McpToolCatalog::build() calls tools/list on every configured server in parallel and merges the results:

flowchart LR
    LIST[tools/list per server<br/>parallel] --> PREFIX[prefix names:<br/>server_toolname]
    PREFIX --> MERGE[merge into ToolRegistry]
    MERGE --> LLM[tools visible to LLM]
    LIST -.->|single-server error| ERR[non-fatal:<br/>server visible with error=...]
  • Names are always prefixed {server_name}_{tool_name} so collisions across servers can't happen
  • Duplicates within the same server → first wins, warn log
  • input_schema is passed through verbatim
  • Server capability resources unlocks two meta-tools for reading resources

Tool call flow

sequenceDiagram
    participant A as Agent
    participant C as McpCatalog tool
    participant R as SessionMcpRuntime
    participant S as MCP server
    participant CB as CircuitBreaker

    A->>C: invoke gmail_list_messages(...)
    C->>R: call(server=gmail, tool=list_messages, args)
    R->>CB: allow?
    CB-->>R: yes
    R->>S: tools/call {name, args, _meta}
    S-->>R: content blocks
    R-->>C: content
    C-->>A: result

Every RPC goes through a per-server CircuitBreaker. If the breaker is open, the call fails fast instead of hanging on a dead server.

Context passthrough

When mcp.context.passthrough: true, tools/call injects:

{ "_meta": { "agent_id": "ana", "session_id": "..." }, ...args }

Server-side code can use this to scope state per agent without the schema leaking that concern.

Resources

Servers advertising resources capability unlock:

  • resources/list (paginated via cursor, max 64 pages)
  • resources/read (optionally cached via LRU)
  • resources/templates/list (URI templates)

Cache config:

resource_cache:
  enabled: true
  ttl: 30s
  max_entries: 256

Cache invalidates on notifications/resources/list_changed. Optional per-scheme allowlist (resource_uri_allowlist: ["file", "db"]) rejects unknown URI schemes before dispatch.

Hot reload (phase 12.8)

flowchart LR
    S[server notifies<br/>tools/list_changed] --> DBC[200 ms debounce]
    DBC --> REL[catalog rebuild]
    REL --> REG[ToolRegistry re-populated<br/>with new schema]
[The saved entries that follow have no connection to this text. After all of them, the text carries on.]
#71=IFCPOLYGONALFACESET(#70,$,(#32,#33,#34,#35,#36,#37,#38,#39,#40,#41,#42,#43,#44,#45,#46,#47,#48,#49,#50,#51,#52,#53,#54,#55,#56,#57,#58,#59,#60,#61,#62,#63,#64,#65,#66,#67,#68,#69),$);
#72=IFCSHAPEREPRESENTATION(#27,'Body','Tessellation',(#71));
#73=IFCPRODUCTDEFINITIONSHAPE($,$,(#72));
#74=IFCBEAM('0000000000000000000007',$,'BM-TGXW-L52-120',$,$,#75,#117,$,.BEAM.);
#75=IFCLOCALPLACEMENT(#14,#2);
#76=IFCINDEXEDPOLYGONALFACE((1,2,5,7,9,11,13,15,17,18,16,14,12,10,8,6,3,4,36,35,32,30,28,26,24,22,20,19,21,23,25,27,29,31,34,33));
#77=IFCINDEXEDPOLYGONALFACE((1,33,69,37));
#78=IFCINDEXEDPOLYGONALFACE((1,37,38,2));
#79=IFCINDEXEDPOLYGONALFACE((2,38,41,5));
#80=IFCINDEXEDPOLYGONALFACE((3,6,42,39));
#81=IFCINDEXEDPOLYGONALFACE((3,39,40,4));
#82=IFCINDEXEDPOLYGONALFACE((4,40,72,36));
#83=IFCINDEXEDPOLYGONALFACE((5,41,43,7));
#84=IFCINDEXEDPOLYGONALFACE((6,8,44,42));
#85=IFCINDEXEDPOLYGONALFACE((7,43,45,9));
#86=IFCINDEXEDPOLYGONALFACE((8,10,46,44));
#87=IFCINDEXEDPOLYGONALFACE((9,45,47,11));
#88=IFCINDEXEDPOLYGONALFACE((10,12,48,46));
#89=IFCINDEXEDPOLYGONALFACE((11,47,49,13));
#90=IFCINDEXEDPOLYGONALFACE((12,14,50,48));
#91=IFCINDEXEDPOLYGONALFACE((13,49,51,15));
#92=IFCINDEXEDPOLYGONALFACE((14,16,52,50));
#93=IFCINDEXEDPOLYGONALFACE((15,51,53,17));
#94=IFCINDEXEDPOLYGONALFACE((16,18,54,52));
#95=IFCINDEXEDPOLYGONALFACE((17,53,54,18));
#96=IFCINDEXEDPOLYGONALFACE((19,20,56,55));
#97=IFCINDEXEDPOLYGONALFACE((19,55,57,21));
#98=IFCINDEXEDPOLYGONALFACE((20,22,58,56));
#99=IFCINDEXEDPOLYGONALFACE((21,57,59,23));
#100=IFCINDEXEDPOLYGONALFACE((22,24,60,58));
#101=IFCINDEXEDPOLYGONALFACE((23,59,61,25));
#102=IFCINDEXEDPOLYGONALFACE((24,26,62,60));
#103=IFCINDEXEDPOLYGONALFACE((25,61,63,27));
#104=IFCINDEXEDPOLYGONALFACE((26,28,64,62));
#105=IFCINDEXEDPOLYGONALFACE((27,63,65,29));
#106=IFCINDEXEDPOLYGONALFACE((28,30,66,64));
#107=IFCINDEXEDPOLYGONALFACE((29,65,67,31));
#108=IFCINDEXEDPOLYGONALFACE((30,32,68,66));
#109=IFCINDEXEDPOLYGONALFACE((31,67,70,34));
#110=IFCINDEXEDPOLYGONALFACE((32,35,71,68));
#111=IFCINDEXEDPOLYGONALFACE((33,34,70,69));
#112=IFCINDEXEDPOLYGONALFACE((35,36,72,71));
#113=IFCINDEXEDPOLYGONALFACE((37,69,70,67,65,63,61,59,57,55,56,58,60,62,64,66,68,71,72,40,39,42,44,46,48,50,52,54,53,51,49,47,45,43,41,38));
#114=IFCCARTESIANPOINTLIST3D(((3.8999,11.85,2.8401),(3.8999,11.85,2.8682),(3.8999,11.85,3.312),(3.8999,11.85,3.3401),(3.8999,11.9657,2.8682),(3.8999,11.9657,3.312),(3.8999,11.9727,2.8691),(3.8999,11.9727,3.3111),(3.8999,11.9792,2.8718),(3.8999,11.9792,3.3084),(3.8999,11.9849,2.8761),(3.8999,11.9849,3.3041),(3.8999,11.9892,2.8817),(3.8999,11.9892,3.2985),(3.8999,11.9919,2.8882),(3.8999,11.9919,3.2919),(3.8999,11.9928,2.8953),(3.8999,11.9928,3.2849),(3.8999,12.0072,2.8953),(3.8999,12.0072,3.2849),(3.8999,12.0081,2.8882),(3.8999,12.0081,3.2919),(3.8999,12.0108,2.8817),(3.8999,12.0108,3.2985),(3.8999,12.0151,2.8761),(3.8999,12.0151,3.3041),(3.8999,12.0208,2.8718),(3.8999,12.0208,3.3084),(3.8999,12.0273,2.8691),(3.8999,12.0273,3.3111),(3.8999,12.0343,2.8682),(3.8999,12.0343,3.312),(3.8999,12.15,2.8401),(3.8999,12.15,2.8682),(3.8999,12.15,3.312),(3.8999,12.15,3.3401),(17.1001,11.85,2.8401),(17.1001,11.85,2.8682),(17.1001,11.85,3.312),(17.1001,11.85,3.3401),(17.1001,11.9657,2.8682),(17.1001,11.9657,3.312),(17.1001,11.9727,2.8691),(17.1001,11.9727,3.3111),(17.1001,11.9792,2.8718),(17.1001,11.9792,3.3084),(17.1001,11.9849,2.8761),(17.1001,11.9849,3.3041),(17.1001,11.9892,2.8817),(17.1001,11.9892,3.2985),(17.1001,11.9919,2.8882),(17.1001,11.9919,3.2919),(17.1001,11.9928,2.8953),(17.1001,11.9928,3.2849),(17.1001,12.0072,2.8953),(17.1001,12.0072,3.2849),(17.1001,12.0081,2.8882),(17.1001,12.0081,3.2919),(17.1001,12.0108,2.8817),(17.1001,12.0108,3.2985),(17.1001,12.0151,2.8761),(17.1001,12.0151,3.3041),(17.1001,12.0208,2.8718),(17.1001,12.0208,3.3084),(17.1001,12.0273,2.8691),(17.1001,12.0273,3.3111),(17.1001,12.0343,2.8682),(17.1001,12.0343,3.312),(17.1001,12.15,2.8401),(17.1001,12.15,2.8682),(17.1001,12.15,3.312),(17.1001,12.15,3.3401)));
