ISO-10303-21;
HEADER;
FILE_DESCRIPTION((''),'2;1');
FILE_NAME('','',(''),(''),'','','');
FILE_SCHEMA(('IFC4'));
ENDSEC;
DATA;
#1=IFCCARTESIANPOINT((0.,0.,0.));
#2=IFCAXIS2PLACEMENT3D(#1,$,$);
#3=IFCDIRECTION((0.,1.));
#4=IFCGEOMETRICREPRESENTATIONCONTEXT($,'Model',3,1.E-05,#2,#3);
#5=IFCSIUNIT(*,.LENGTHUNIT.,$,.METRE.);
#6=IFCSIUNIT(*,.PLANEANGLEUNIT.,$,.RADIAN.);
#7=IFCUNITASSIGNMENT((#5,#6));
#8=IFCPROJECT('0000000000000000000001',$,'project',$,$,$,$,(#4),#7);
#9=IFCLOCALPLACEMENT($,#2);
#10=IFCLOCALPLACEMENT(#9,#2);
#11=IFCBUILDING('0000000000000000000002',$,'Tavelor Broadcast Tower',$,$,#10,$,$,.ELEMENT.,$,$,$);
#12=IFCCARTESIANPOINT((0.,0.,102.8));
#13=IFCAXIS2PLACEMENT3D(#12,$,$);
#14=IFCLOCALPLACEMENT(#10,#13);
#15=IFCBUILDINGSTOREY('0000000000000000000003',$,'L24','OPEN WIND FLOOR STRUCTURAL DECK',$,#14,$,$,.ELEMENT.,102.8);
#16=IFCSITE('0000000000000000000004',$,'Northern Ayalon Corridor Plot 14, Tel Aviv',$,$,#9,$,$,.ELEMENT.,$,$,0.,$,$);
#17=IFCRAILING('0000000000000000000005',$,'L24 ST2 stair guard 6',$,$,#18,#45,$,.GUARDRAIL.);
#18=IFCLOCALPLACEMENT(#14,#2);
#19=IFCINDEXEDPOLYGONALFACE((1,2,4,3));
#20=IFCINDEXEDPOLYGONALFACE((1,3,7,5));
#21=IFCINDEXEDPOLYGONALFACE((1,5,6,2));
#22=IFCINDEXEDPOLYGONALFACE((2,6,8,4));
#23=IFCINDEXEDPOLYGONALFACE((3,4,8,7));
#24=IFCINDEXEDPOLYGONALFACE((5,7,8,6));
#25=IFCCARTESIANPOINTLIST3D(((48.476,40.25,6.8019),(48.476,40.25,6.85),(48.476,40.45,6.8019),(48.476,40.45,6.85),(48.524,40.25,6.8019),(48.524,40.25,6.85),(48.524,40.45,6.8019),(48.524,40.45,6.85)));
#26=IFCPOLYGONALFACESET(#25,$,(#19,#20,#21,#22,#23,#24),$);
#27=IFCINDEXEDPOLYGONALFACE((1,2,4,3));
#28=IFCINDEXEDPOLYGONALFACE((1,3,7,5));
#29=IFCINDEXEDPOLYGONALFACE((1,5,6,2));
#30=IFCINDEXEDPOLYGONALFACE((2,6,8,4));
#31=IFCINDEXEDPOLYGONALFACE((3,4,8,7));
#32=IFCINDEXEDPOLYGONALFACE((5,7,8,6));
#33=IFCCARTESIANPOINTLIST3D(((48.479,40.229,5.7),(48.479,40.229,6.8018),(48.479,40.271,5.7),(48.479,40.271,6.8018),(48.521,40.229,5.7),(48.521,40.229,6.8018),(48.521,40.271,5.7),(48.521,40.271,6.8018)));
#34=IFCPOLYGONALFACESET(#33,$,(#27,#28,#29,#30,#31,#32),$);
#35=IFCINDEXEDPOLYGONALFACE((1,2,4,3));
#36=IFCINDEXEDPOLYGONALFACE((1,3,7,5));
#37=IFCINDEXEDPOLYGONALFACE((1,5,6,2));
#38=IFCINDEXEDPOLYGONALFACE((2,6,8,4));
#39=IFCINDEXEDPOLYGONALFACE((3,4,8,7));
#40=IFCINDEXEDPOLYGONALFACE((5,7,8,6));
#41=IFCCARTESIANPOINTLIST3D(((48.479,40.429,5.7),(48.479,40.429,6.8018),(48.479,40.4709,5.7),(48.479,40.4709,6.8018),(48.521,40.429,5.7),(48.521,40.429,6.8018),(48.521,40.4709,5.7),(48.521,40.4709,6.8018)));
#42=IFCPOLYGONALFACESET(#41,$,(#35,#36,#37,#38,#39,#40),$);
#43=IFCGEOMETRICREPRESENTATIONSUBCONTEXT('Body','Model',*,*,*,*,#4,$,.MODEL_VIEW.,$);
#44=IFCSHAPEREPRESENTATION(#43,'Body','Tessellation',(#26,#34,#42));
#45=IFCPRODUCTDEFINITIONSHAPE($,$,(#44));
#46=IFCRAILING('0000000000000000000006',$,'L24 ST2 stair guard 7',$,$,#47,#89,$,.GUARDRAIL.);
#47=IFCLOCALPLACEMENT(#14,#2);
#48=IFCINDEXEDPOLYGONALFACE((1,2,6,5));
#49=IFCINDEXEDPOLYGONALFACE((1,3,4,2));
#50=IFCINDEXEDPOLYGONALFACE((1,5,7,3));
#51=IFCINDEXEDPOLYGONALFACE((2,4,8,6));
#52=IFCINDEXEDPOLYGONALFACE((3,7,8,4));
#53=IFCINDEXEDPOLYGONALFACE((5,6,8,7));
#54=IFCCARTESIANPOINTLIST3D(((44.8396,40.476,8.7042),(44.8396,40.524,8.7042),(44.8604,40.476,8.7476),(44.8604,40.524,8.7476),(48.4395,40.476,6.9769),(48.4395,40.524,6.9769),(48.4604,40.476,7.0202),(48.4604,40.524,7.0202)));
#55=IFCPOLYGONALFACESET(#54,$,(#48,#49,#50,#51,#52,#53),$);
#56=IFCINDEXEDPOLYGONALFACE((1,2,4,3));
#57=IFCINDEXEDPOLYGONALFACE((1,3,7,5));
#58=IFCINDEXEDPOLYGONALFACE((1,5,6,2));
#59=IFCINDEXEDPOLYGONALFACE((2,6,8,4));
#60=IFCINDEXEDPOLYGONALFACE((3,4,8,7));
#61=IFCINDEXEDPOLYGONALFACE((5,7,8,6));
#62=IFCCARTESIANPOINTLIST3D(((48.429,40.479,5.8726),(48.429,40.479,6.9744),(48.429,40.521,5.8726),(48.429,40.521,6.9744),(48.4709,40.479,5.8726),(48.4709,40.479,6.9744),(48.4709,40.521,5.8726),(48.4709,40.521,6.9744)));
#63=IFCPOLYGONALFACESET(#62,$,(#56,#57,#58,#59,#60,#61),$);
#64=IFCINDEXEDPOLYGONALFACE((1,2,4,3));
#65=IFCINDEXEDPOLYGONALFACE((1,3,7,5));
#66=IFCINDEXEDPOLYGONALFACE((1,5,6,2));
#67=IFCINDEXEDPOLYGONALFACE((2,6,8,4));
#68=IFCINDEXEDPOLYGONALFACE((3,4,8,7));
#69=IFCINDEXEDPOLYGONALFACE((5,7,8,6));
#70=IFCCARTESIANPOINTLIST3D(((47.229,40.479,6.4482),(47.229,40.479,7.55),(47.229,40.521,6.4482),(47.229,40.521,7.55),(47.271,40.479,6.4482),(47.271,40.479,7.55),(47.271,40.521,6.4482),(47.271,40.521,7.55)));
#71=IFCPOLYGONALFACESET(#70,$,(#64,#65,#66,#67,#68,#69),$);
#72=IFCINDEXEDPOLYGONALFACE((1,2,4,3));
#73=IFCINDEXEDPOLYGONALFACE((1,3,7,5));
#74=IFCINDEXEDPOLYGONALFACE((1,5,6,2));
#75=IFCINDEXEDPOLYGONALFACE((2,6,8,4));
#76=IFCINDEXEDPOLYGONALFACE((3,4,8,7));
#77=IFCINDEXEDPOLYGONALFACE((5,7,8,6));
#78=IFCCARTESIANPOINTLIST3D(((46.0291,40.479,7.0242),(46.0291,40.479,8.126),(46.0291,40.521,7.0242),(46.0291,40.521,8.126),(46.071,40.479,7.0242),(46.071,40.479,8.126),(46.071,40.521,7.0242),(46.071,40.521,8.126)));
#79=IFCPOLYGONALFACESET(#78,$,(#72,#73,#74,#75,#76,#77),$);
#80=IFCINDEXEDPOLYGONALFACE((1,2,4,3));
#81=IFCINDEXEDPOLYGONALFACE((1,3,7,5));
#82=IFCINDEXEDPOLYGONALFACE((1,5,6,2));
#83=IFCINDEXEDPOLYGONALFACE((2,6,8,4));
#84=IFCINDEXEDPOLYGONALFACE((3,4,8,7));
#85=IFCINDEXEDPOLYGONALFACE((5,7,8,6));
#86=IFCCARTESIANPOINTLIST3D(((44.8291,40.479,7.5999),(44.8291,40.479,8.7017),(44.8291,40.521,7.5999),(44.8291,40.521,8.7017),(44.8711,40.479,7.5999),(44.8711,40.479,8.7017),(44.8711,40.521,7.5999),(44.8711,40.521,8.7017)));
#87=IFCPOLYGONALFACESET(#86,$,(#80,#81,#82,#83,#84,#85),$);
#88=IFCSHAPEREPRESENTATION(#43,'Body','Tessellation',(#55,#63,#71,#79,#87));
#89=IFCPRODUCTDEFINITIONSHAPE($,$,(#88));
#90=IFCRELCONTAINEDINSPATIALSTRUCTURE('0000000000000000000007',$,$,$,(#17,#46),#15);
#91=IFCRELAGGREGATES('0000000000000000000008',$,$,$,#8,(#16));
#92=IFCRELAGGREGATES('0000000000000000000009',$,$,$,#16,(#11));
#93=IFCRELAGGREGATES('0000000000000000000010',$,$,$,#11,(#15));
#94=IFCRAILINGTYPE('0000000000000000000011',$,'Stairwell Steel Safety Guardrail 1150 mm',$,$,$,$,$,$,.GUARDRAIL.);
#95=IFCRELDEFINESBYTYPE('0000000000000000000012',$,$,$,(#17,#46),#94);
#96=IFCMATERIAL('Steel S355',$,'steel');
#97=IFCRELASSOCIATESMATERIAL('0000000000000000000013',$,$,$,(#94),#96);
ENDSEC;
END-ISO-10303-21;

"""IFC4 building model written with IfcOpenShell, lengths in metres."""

from ifc_helpers import new_model, si_unit, direction, frame, origin, origin_2d, place, context, subcontext, project, spatial, rectangle, extrude, material, type_object, element, save


model = new_model("IFC4")

# Units and contexts
model_context = context("Model", 3, precision=1e-05, world=origin(), true_north=direction((0.0, 1.0)))
body_context = subcontext(model_context, "Body", "Model", "MODEL_VIEW")
ifc_project = project(units=[si_unit("LENGTHUNIT", "METRE"), si_unit("PLANEANGLEUNIT", "RADIAN")], contexts=[model_context])

# Site, building, storey
site_placement = place(None, origin())
site = spatial("IfcSite", under=ifc_project, at=site_placement, Name="Northern Ayalon Corridor Plot 14, Tel Aviv", CompositionType="ELEMENT", RefElevation=0.0)
building_placement = place(site_placement, origin())
building = spatial("IfcBuilding", under=site, at=building_placement, Name="Tavelor Broadcast Tower", CompositionType="ELEMENT")
storey_placement = place(building_placement, frame((0.0, 0.0, 102.8)))
storey = spatial("IfcBuildingStorey", under=building, at=storey_placement, Name="L24", Description="OPEN WIND FLOOR STRUCTURAL DECK", CompositionType="ELEMENT", Elevation=102.8)

# Shared definitions
ifc_material_1 = material(Name="Steel S355", Category="steel")

# Railings
railing_type_1 = type_object("IfcRailingType", Name="Stairwell Steel Safety Guardrail 1150 mm", PredefinedType="GUARDRAIL", material=ifc_material_1)
railing_1_placement = place(storey_placement, frame((48.5, 40.25, 5.7)))
element("IfcRailing", 1, at=railing_1_placement, inside=storey, type_object=railing_type_1, Name="L24 ST2 stair guard 6", PredefinedType="GUARDRAIL", context=body_context, shape_type="SweptSolid", body=[
    extrude(rectangle(XDim=0.0481, YDim=0.0481, at=origin_2d()), frame((0.0, 0.0, 1.126), z_axis=(0.0, 1.0, 0.0), x_axis=(-1.0, 0.0, 0.0)), (0.0, 0.0, 1.0), 0.2),
    extrude(rectangle(XDim=0.042, YDim=0.042, at=origin_2d()), origin(), (0.0, 0.0, 1.0), 1.1018),
    extrude(rectangle(XDim=0.042, YDim=0.042, at=origin_2d()), frame((0.0, 0.2, 0.0)), (0.0, 0.0, 1.0), 1.1018),
])
railing_2_placement = place(storey_placement, frame((48.45, 40.5, 5.8726)))
element("IfcRailing", 2, at=railing_2_placement, inside=storey, type_object=railing_type_1, Name="L24 ST2 stair guard 7", PredefinedType="GUARDRAIL", context=body_context, shape_type="SweptSolid", body=[
    extrude(rectangle(XDim=0.0481, YDim=0.0481, at=origin_2d()), frame((0.0, 0.0, 1.126), z_axis=(-0.901585, 0.0, 0.432602), x_axis=(0.0, -1.0, 0.0)), (0.0, 0.0, 1.0), 3.9929),
    extrude(rectangle(XDim=0.042, YDim=0.042, at=origin_2d()), origin(), (0.0, 0.0, 1.0), 1.1018),
    extrude(rectangle(XDim=0.042, YDim=0.042, at=origin_2d()), frame((-1.2, 0.0, 0.5757)), (0.0, 0.0, 1.0), 1.1018),
    extrude(rectangle(XDim=0.042, YDim=0.042, at=origin_2d()), frame((-2.3999, 0.0, 1.1516)), (0.0, 0.0, 1.0), 1.1018),
    extrude(rectangle(XDim=0.042, YDim=0.042, at=origin_2d()), frame((-3.5999, 0.0, 1.7273)), (0.0, 0.0, 1.0), 1.1018),
])

save(model, "model.ifc")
Same flow for resources. Agents in flight at the moment of the rebuild keep their references to the old tool definitions — next turn uses the refreshed registry.

Gotchas

  • One MCP child per server by default. Turn on per-session isolation only for servers that genuinely need it; spawning a child per session multiplies resource cost.
  • notifications/initialized is fire-and-forget. If the server insists on acknowledging it, you have a broken server.
  • SSE is a last resort. It's in auto for compatibility; new server deployments should speak streamable HTTP.
  • Circuit breakers are per-server. One bad server doesn't freeze the catalog; but a flapping one still slows the agent loop via backoff waits.